Chest Hospital, Ministry of Health and Welfare, Taiwan

Status

Completed

Conditions

Chronic Obstructive Pulmonary Disease (COPD)

Treatments

Behavioral: Respiratory rehabilitation exercise training

Study type

Interventional

Funder types

Other

Identifiers

NCT02329873
ER-100-202

Details and patient eligibility

About

The purpose of this randomized controlled trial was to evaluate the effects of a respiratory rehabilitation exercise training package on dyspnea, cough, exercise tolerance, and sputum expectoration of hospitalized elderly patients with acute exacerbation of chronic obstructive pulmonary disease (AECOPD). Using purposive sampling, 61 participants were recruited and randomly assigned to either the experimental group (n = 30) or the control group (n = 31). The experimental group participants received the respiratory rehabilitation exercise training twice a day and 10-30 minutes per session for four days. The control group participants received usual care and health education.
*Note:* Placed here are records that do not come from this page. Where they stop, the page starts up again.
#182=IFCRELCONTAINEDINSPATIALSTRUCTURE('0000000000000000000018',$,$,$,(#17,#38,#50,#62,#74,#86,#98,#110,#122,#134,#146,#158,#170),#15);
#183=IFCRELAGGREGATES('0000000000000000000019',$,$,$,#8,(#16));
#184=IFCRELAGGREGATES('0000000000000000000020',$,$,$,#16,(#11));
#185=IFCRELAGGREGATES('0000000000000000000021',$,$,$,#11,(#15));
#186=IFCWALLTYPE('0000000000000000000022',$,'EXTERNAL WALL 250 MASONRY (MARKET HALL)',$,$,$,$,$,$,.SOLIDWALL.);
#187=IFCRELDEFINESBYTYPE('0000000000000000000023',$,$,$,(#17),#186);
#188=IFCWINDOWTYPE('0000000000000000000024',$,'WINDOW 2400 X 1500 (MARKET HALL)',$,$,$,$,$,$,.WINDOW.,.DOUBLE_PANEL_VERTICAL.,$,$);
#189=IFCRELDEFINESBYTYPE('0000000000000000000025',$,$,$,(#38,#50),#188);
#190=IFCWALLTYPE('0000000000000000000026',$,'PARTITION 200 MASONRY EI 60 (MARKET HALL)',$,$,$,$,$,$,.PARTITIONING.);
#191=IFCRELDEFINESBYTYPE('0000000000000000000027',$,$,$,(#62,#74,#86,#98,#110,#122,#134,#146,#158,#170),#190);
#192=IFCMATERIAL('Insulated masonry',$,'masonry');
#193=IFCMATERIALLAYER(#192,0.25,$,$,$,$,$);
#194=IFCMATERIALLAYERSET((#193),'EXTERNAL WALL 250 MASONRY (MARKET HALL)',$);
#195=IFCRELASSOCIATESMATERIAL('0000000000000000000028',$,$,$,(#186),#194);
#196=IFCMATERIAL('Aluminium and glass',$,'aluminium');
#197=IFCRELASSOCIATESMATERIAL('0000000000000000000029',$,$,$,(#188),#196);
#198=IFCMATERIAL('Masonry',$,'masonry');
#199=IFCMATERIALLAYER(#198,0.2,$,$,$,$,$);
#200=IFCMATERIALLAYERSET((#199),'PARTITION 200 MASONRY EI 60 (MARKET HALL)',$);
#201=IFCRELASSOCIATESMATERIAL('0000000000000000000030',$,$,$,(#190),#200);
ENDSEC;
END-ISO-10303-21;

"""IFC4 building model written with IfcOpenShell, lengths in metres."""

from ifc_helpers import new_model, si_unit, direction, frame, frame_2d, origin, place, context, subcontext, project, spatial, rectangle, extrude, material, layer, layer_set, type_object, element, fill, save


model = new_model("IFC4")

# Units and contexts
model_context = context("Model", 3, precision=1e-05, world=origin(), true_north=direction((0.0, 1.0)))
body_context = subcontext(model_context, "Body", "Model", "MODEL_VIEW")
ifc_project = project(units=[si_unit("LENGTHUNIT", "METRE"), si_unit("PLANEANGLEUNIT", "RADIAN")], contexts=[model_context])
Data were collected at baseline and at the end of the four-day intervention.

Full description

The respiratory rehabilitation exercise training package included: (a) Disease awareness: The doctor explained the disease to patients and their families through the chest X-ray, (b) Sputum clearance treatments: Easily understood postural drainage cards were provided to the patients and families to assist with proper sputum clearance procedures, (c) Pursed lip breathing training: Devices were provided to the patients to ensure that the breathing exercises were completed properly, (d) Upper-limb exercise with breathing pranayama: Towels were provided to the patients to assist with upper-limb exercises properly, (e) Walking training with breathing pranayama: Legs were elevated while inhaling, and returned to the position while exhaling, and (f) Assign a pulmonary rehabilitation program coordinator: Coordinators were assigned to assist the patients in nutrition management and health education.

Enrollment

61 patients

Sex

All

Ages

65+ years old

Volunteers

No Healthy Volunteers

Inclusion criteria

  1. diagnosed with moderate COPD with moderate acute exacerbation
  2. over 65 years of age
  3. conscious clear
  4. with shortness of breath or dyspnea that was not caused by heart disease, pneumothorax, or pulmonary edema
  5. had received bronchodilator aerosol therapy or antibiotic treatment, but had not been treated with an antitussive

Exclusion criteria

  1. unstable vital signs
  2. blood oxygen concentration lower than 90%
  3. unstable psychological status, hemoptysis, pneumothorax, pulmonary edema, or using the respirator

Trial design

Primary purpose

Supportive Care

Allocation

Randomized

Interventional model

Parallel Assignment

Masking

None (Open label)

61 participants in 2 patient groups

Experimental group
Experimental group
Description:
Respiratory rehabilitation exercise training 2 times/day, 10-30 minutes per session for 4 days.
Treatment:
Behavioral: Respiratory rehabilitation exercise training
Control group
No Intervention group
Description:
Control group received usual care and health education.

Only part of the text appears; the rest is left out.